Revisit the performance of Doppler positioning with LEO satellites

Abstract

Abstract Recently, the Doppler shifts from Low Earth Orbit (LEO) satellites have been used to augment GNSS and provide standalone positioning, navigation and timing services in opportunistic navigation frameworks or GNSS-like navigation systems. In this paper, we proposed a Doppler-only point-solution algorithm for GNSS-like navigation systems operated in LEO. In these systems, LEO satellites are assumed to be modified to support navigation capabilities. Their positions, velocities and clock drifts could be obtained from ephemeris.

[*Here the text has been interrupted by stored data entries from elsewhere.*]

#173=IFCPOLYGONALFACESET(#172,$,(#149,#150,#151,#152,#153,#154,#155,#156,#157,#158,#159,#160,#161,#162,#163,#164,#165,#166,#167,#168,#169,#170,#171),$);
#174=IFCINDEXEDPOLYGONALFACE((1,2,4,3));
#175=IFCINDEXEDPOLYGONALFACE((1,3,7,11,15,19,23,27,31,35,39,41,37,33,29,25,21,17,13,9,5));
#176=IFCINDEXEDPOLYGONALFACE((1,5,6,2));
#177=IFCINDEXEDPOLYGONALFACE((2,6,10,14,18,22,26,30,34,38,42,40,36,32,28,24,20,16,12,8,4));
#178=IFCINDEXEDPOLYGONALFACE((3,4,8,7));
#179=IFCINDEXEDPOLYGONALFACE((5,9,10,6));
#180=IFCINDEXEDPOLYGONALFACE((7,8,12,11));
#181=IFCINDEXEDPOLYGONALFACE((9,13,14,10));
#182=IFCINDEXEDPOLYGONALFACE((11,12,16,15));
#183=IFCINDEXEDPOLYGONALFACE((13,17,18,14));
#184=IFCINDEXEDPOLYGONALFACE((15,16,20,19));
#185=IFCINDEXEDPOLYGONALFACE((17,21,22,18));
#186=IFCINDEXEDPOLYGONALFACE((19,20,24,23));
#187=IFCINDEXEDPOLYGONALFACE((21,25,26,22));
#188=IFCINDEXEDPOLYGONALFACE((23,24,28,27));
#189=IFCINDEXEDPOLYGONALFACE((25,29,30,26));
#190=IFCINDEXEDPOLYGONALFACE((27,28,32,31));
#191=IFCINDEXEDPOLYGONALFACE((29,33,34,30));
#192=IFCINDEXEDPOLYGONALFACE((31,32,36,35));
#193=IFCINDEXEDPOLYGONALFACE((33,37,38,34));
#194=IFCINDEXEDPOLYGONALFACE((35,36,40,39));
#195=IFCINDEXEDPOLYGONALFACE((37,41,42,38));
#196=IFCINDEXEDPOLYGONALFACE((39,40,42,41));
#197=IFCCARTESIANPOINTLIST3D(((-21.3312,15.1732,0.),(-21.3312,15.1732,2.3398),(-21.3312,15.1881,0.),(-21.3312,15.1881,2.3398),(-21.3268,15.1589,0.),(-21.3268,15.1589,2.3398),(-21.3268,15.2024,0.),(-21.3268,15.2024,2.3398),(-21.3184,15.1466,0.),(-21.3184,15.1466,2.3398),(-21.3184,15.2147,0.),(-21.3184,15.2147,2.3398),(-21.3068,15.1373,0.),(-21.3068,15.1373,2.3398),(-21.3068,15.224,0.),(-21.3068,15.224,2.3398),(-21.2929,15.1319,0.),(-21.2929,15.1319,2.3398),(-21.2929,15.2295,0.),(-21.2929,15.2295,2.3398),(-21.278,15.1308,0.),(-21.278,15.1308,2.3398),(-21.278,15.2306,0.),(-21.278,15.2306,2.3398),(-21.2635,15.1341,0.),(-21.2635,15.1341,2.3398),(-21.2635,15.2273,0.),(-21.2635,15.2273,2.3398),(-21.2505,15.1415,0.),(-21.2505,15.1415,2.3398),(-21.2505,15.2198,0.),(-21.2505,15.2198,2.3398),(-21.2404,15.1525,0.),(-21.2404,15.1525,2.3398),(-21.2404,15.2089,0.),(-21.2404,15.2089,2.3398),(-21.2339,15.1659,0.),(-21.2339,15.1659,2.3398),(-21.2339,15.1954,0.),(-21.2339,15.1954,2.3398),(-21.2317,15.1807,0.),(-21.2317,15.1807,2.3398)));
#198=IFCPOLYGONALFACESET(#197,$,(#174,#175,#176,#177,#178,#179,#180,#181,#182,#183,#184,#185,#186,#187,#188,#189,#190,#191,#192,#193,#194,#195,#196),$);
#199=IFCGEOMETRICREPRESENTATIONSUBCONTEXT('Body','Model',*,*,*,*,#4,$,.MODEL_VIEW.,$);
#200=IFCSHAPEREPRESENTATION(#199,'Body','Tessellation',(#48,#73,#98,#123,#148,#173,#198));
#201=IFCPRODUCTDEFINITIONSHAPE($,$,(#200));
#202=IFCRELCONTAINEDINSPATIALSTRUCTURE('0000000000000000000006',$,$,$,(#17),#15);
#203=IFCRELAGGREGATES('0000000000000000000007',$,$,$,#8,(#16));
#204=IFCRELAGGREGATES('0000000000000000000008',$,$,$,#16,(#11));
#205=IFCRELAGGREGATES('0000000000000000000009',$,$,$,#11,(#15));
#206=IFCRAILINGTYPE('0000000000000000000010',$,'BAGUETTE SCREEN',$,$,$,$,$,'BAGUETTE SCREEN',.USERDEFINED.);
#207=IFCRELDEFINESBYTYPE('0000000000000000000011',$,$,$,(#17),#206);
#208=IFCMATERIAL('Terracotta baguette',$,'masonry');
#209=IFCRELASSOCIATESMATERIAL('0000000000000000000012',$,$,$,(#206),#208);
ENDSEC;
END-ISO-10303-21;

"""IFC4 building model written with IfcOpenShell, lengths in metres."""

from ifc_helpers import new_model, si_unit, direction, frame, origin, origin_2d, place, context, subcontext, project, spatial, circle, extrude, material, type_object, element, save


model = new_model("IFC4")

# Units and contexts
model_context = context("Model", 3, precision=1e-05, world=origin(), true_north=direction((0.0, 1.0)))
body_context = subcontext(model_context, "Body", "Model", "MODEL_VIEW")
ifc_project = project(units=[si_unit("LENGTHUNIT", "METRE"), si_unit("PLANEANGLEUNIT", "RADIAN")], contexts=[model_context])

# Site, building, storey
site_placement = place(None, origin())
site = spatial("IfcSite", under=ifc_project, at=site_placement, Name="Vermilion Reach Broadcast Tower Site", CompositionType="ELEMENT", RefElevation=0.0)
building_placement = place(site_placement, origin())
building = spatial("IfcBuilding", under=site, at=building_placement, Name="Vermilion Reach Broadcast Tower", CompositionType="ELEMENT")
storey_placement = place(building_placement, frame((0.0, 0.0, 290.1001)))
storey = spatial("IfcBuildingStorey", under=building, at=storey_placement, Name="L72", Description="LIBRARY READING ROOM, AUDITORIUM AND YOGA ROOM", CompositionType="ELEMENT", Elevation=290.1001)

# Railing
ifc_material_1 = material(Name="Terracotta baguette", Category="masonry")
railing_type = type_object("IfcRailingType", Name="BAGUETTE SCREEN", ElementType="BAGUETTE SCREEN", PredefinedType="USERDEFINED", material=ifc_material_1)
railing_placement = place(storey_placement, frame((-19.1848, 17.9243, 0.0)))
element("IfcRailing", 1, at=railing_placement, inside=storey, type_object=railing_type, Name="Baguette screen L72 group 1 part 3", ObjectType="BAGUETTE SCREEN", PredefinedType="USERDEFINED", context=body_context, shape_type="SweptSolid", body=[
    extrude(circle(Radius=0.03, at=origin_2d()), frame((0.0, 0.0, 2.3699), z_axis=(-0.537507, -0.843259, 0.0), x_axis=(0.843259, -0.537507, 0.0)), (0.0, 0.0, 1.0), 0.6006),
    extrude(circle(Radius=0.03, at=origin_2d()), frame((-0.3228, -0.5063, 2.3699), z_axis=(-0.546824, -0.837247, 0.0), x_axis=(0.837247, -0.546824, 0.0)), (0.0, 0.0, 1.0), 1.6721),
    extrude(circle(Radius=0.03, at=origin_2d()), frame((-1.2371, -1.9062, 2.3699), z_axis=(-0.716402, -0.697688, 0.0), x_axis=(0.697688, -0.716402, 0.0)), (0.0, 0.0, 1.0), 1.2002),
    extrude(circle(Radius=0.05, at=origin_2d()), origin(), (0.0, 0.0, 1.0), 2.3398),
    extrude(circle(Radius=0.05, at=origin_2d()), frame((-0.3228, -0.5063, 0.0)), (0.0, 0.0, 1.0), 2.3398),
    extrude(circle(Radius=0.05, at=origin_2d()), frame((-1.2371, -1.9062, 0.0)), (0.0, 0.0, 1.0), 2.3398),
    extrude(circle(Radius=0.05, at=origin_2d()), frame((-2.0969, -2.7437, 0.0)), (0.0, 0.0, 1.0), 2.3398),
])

The proposed point-solution algorithm can estimate the receiver clock drift, position and velocity simultaneously. Then, the main error sources in Doppler positioning are analyzed. As one of the main error sources, satellites’ position error of several meters and velocity error of several centimeters per second would reduce the positioning performance significantly. The LEO doppler positioning accuracy will deteriorate if there are no error corrections for the ionospheric and tropospheric delay rates. Subsequently, the performance of Doppler positioning algorithms is analyzed. The Zero-Difference Doppler positioning accuracy is in meter-level, which is comparable with pseudorange-based positioning in GNSS. By doing difference between satellites, the receiver clock drift is eliminated and the Between-Satellite-Difference Doppler positioning accuracy is improved by about 10% as Doppler Dilution of Precision is reduced by 12.3%. Moreover, we analyzed the sensitivity of initial position error in the LEO-based Doppler positioning and found that the initial position error should be less than 300 km to ensure convergence.